Today, the biggest example of that is taking place in the Gulf of Mexico, where red snapper
anglers are trying to escape their share of the burden for rebuilding the stock
by taking management authority away from the National Marine Fisheries Service
and handing it over to the several Gulf states. However, it has also emerged in North
Carolina, where coastal legislators sympathetic to gill net fishermen have
threatened to thwart measures needed to conserve southern flounder, and all
along the Atlantic Coast, where the Atlantic States Marine Fisheries Commission,
which gives lip service to
“promot[ing] the conservation of Atlantic coastal fisheries
resources…based on the best scientific information”
in its charter,
but has repeatedly failed to heed scientific advice on stocks ranging from American
lobster, to
tautog, to weakfish.
The solution to such problem that the Alaska report suggests
is both simple and sensible,
“Recommit to sustainability and precautionary management—walk
the talk.”
Federal fisheries managers, bound to such course by the
conservation and stock rebuilding provisions of the Magnuson-Stevens Fishery
Conservation and Management Act, are already acting that way.
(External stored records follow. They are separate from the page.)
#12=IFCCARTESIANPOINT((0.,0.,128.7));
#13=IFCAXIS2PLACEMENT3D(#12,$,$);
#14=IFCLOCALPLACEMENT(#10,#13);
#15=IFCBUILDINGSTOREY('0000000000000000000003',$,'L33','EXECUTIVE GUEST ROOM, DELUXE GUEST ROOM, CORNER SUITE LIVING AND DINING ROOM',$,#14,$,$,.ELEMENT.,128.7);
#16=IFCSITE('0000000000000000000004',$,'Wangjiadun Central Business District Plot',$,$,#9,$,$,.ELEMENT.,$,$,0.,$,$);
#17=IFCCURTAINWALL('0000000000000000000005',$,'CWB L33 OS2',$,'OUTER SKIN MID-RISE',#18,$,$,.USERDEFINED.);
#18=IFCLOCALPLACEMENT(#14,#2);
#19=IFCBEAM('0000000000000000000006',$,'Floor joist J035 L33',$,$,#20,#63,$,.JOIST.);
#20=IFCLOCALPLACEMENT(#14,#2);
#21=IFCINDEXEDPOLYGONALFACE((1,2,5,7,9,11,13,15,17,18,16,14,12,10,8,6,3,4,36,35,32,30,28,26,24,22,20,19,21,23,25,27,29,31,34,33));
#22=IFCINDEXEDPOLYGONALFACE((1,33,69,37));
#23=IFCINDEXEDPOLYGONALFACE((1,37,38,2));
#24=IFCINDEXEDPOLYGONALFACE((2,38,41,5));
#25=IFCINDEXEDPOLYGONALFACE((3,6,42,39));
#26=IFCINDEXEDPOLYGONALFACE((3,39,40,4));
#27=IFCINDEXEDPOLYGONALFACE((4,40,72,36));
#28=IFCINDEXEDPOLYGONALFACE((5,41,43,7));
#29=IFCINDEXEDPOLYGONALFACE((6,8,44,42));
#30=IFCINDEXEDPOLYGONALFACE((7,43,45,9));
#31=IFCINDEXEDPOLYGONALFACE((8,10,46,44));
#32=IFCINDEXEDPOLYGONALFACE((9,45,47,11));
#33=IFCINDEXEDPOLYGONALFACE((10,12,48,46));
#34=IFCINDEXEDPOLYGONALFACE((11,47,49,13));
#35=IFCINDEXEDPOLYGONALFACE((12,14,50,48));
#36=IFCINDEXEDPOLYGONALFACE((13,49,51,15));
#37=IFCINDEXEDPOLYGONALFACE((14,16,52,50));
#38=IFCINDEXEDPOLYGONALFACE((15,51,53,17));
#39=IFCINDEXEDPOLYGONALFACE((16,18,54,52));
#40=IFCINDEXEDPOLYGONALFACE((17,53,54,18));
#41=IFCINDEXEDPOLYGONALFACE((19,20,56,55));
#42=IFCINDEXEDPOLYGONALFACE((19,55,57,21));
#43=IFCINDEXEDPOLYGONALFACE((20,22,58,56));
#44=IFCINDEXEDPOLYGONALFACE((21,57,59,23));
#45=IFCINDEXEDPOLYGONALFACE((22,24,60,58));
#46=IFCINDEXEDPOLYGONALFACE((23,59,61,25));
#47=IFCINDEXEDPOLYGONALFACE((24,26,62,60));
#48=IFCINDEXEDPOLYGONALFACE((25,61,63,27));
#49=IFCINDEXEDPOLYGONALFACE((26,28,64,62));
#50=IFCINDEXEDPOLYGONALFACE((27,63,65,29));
Unfortunately, such precautionary management
style necessarily results in lower harvest levels in the short term than does the
sort of politically driven management often practiced by the states—which is
exactly why some folks in the
Gulf and elsewhere are currently trying to weaken the law. They have invested fully in the short term,
while their commitment to “generations to come” is nearly nil.
Closely related to that is the recommendation that managers combat
the “Myth that we can re-create fish, recreate nature, recreate habitat or
replace wild runs with hatchery production.”
Such myth is irresistibly attractive to the sort of folks who want to
kill as many fish as they can, without concern for the impact on natural
systems. Experiences across the country
with trout and other salmonids has proven it wrong, but its promise that
anglers can abandon restraint and continue to overfish natural stocks lends it
a timeless measure of support.
It really hasn’t caught on in East Coast salt waters, except
down in the Gulf of Mexico, where Texas has ballyhooed the concept for years,
despite an
American Fisheries Society review that notes
“Substantial resources have been allocated to augmenting
populations of red drum and spotted seatrout with hatchery stockings. While the survival of hatchery-reared fish
has been documented, the research hypothesis that hatchery stockings increase
abundance has not been conclusively proven.”
It is not unlikely that the money currently allocated to
such stocking efforts would be better utilized to better manage wild stocks.
Because, in the end, maintaining wild stocks at sustainable
levels of abundance is the only way to assure that future generations will have
any real opportunity to reap the same benefits from coastal fisheries resources
that we have enjoyed.
And you don’t assure such sustainability by permitting
overharvest in order to avoid short-term socioeconomic impacts or placing
political considerations above scientific advice.
You assure it by putting the needs of the fish, themselves,
first.
An abundance of good will flow from there.